We can go off into the weeds and talk about copyright, IP, intellectual freedom, blah, blah, blah all day, but none of that will ever make what Mr. Swartz has done right or ethical. This was simply a bizarre and stupid attempt on his part to exploit a resource that is used by an entire academic community, and which has had serious repercussions for the legitimate users of that service. Mr. Swartz is not a hero here, and no one should be fooled by the demagogic treatment that is sure to continue about how Mr. Swartz was striking a blow for intellectual freedom.

I agree and would point out that civil disobedience, if that is what Mr, Swartz was attempting to engage in, necessarily involves public disclosure of one’s actions to make the moral point one wants to convey. It is disappointing to see advocates of OA treat this person as some kind of hero.
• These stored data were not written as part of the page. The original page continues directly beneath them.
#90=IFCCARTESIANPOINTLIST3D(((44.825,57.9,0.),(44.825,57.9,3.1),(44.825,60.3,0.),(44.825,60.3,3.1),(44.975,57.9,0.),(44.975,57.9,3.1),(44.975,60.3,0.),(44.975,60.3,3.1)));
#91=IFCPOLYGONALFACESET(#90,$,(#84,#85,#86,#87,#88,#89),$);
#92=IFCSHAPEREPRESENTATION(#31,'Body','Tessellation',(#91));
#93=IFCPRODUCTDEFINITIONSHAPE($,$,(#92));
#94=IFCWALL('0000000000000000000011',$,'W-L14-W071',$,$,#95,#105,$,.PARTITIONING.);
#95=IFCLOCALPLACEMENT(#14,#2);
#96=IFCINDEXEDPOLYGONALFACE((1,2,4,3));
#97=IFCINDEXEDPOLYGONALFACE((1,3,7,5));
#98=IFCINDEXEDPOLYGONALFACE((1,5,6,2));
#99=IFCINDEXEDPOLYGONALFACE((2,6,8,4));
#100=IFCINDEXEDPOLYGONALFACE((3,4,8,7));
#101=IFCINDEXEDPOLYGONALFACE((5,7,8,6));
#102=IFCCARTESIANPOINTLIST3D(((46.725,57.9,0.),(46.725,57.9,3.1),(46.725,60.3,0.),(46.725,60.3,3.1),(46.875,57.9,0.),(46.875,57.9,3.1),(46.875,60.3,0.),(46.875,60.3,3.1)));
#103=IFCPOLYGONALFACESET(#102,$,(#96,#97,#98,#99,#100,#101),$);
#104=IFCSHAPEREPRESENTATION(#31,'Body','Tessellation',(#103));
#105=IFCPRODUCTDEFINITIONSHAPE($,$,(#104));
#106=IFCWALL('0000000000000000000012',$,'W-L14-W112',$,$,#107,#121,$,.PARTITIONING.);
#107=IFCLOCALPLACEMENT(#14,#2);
So are you saying that it’s reasonable to punish him with up to 35 years in jail and a $1 million fine? Because the US Attorney’s press release is certainly emphasizing that. You don’t have to think what he did was wise or proper in order to be appalled at the disproportionate response brought by the government. And this was no hasty decision–he was the target of an investigation by the Secret Service, the MIT police, and the Cambridge police, and I’d be shocked if the fact that the FBI had harassed and surveilled him in the past due to his entirely legal and wholly laudable PACER work played no part in all of this.

Talking about copyright and IP and intellectual freedom isn’t tangential to the case, it’s central to it. This was an exercise of prosecutorial discretion, one that reflects a policy throughout our government (the PROTECT-IP act in Congress, the ICE domain seizures, our new Copyright Register saying in interviews that enforcement is her fundamental priority) to normalize the use of criminal sanctions in order to protect incumbent content firms’ business models. If you let your distaste for Swartz’s methods blind you to the larger policy shift, and it’s troubling implications–again, we’re talking about potentially locking someone away for decades–you’re making a serious mistake.
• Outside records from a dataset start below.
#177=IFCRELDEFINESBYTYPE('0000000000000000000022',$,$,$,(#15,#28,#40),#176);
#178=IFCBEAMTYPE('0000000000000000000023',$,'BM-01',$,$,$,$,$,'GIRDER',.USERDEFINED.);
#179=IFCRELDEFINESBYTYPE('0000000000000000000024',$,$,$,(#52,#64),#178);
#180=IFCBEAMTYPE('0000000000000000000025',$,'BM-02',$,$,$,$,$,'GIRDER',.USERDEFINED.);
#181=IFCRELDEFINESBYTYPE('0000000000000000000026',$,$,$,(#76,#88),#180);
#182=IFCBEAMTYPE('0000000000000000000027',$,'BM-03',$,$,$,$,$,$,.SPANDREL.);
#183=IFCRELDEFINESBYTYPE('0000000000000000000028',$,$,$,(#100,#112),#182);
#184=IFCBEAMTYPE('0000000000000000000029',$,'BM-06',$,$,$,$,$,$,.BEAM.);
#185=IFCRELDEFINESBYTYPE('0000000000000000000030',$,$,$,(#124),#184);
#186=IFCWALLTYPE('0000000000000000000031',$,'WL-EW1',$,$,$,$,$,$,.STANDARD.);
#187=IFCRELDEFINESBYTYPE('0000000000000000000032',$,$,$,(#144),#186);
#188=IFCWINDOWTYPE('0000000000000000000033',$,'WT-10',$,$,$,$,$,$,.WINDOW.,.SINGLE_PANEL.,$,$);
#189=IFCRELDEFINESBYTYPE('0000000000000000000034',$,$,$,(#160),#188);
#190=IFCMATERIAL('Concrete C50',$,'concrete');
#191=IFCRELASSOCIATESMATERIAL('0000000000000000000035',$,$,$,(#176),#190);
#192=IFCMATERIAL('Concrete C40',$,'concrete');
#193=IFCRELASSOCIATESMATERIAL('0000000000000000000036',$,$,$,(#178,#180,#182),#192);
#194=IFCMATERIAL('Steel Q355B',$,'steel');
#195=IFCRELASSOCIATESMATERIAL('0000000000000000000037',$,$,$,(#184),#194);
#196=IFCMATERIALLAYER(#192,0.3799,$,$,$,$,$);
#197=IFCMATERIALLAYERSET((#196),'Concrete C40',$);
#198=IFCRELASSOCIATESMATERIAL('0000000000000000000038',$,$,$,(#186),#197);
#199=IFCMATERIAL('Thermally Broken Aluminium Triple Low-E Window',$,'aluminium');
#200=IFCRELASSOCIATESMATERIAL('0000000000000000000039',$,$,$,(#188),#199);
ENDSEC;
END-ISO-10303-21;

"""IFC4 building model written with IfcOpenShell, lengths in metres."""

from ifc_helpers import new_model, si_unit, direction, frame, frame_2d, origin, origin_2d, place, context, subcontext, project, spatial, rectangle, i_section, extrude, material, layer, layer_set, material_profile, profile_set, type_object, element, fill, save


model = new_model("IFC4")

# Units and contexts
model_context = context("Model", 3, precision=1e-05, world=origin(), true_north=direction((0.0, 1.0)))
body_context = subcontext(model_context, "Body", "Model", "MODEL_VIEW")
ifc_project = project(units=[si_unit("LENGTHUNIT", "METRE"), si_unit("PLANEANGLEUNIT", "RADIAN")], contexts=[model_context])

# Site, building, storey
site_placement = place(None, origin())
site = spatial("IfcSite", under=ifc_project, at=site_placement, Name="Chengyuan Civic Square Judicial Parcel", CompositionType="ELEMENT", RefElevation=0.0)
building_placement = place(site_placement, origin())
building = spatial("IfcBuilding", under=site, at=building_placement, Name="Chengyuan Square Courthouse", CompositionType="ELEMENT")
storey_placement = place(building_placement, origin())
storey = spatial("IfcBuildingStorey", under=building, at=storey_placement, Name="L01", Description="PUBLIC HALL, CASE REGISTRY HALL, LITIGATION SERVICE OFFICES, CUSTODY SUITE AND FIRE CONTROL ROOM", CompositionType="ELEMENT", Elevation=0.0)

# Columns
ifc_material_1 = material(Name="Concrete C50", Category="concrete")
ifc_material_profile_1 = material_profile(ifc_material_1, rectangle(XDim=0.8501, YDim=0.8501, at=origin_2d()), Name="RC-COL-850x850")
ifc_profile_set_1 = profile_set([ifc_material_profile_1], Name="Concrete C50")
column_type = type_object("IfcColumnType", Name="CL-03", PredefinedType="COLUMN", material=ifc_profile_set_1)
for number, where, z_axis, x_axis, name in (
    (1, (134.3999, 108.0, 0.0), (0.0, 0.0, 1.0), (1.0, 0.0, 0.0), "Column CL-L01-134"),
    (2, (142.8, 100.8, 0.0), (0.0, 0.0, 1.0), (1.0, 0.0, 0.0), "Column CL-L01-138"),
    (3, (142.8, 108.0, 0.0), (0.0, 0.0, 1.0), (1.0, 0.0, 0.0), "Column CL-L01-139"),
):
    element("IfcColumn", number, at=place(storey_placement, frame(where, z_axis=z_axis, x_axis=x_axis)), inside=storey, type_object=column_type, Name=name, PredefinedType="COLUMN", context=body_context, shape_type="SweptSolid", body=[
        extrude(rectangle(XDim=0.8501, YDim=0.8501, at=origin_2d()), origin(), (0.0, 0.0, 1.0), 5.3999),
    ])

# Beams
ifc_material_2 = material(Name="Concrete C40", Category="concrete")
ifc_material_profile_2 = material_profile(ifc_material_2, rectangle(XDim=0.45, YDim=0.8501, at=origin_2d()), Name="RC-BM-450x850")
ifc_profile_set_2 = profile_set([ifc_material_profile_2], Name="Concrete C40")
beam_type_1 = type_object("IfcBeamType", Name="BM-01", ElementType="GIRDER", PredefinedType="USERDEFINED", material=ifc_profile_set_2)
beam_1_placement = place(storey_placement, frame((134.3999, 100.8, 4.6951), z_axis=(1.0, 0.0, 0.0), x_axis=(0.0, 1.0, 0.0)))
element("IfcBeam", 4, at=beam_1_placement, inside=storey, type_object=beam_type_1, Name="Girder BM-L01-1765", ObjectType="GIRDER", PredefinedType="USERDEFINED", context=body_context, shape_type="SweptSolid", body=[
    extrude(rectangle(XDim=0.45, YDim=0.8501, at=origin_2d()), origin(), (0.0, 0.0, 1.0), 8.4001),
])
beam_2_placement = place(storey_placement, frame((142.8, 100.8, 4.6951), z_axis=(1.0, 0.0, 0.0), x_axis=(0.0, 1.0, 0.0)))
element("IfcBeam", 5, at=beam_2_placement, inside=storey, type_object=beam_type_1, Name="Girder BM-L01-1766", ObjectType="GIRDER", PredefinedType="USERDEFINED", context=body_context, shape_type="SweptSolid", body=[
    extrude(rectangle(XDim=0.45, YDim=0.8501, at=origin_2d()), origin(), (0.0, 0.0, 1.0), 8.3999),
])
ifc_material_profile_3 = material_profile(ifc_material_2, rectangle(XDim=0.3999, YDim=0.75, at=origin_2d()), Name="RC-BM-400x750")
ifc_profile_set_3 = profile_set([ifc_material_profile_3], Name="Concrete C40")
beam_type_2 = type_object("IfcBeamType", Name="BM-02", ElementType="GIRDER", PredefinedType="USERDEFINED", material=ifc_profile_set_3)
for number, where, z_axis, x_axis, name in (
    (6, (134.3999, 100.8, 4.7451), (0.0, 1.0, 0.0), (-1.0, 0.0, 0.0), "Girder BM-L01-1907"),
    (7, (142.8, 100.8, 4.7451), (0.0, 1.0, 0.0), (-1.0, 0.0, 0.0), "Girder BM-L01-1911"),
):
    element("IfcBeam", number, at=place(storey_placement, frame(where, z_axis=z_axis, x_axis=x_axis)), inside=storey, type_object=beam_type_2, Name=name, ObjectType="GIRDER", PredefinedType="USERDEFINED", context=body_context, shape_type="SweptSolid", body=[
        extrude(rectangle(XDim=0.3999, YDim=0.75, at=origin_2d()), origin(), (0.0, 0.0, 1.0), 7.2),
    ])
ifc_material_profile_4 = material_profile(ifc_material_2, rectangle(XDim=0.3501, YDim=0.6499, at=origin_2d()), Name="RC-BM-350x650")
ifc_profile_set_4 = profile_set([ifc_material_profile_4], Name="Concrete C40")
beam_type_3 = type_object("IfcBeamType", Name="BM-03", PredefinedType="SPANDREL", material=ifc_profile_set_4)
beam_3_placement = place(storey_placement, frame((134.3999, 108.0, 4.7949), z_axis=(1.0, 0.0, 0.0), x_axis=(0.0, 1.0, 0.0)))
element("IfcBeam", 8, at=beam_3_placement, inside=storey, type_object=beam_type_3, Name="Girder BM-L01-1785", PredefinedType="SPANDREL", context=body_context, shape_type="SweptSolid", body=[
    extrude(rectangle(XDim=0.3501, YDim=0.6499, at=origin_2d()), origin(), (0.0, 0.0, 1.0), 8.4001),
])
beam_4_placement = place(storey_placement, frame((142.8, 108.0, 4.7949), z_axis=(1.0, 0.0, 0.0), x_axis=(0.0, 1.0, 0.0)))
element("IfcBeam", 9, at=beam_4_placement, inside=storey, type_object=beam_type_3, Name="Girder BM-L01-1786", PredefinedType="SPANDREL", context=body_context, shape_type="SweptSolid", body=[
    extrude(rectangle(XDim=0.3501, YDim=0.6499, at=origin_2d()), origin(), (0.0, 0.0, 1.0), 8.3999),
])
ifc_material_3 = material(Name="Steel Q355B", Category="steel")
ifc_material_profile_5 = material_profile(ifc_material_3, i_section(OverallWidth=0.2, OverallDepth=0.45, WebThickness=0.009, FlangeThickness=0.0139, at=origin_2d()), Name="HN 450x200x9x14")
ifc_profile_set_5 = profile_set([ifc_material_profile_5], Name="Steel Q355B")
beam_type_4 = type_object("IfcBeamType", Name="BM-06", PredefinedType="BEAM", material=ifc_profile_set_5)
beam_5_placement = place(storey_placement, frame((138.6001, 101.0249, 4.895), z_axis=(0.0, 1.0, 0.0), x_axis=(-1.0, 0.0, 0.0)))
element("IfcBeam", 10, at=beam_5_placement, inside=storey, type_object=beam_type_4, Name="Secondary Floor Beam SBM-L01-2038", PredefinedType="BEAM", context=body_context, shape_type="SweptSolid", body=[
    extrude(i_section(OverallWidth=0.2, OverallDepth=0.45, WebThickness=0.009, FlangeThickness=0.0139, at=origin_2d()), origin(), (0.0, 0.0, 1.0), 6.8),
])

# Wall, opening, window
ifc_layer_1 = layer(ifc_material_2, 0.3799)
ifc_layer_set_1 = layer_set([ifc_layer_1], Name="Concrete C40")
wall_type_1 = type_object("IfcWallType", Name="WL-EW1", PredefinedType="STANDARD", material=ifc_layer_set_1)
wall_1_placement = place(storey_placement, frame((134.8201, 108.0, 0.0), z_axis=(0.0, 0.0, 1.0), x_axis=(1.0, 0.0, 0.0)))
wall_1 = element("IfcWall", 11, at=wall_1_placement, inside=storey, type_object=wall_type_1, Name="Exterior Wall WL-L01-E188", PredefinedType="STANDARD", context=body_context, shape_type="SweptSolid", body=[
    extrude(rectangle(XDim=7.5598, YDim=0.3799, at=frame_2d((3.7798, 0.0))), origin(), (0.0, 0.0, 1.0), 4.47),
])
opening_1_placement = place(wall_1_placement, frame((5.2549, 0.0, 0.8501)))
“Up to” sounds very reasonable to me. If found guilty, an appropriate penalty can certainly be found somewhere between 0 jail time and 35 years, and a fine of $0 and $1 million.

I do not expect Mr. Swartz to spend any time in jail, despite what is laid out in the press. To be honest, when I first read of this (after hearing about it on NPR) I was a bit surprised that it had been made a federal case, given that Mr. Swartz had settled with JSTOR with regard to their claims, and MIT had not taken any separate action. Though I admit to ignorance herewith regard to the dynamic between the District of Massachusetts and MIT, and if there was any interaction between the two on the charges, besides the evidentiary aspects of the case.

Regardless if whether this reflects government policy re: PROTECT-IP, or not, Mr. Swartz’s non-IP related actions alone still warrant careful examination and some penalties. Whether those should be federal penalties is questionable. JSTOR seems to have settled its claims with him, and MIT, as I stated above, doesn’t seem bent on making an larger issue of this.

Mr. Swartz is well-known in the technical community at MIT and beyond. His transgressions in this case run more toward the stupid end of the scale than the criminal. Keep in mind, though, that he broke several agreements with both MIT and JSTOR to do what he did. And his actions caused, at times, a virtual blackout of access to a valuable research resource. It should not be OK for him to walk away with no penalties. Perhaps his going through this process, up to the point of settling with the government, without the need for a trial, will be penalty enough. It will certainly be expensive.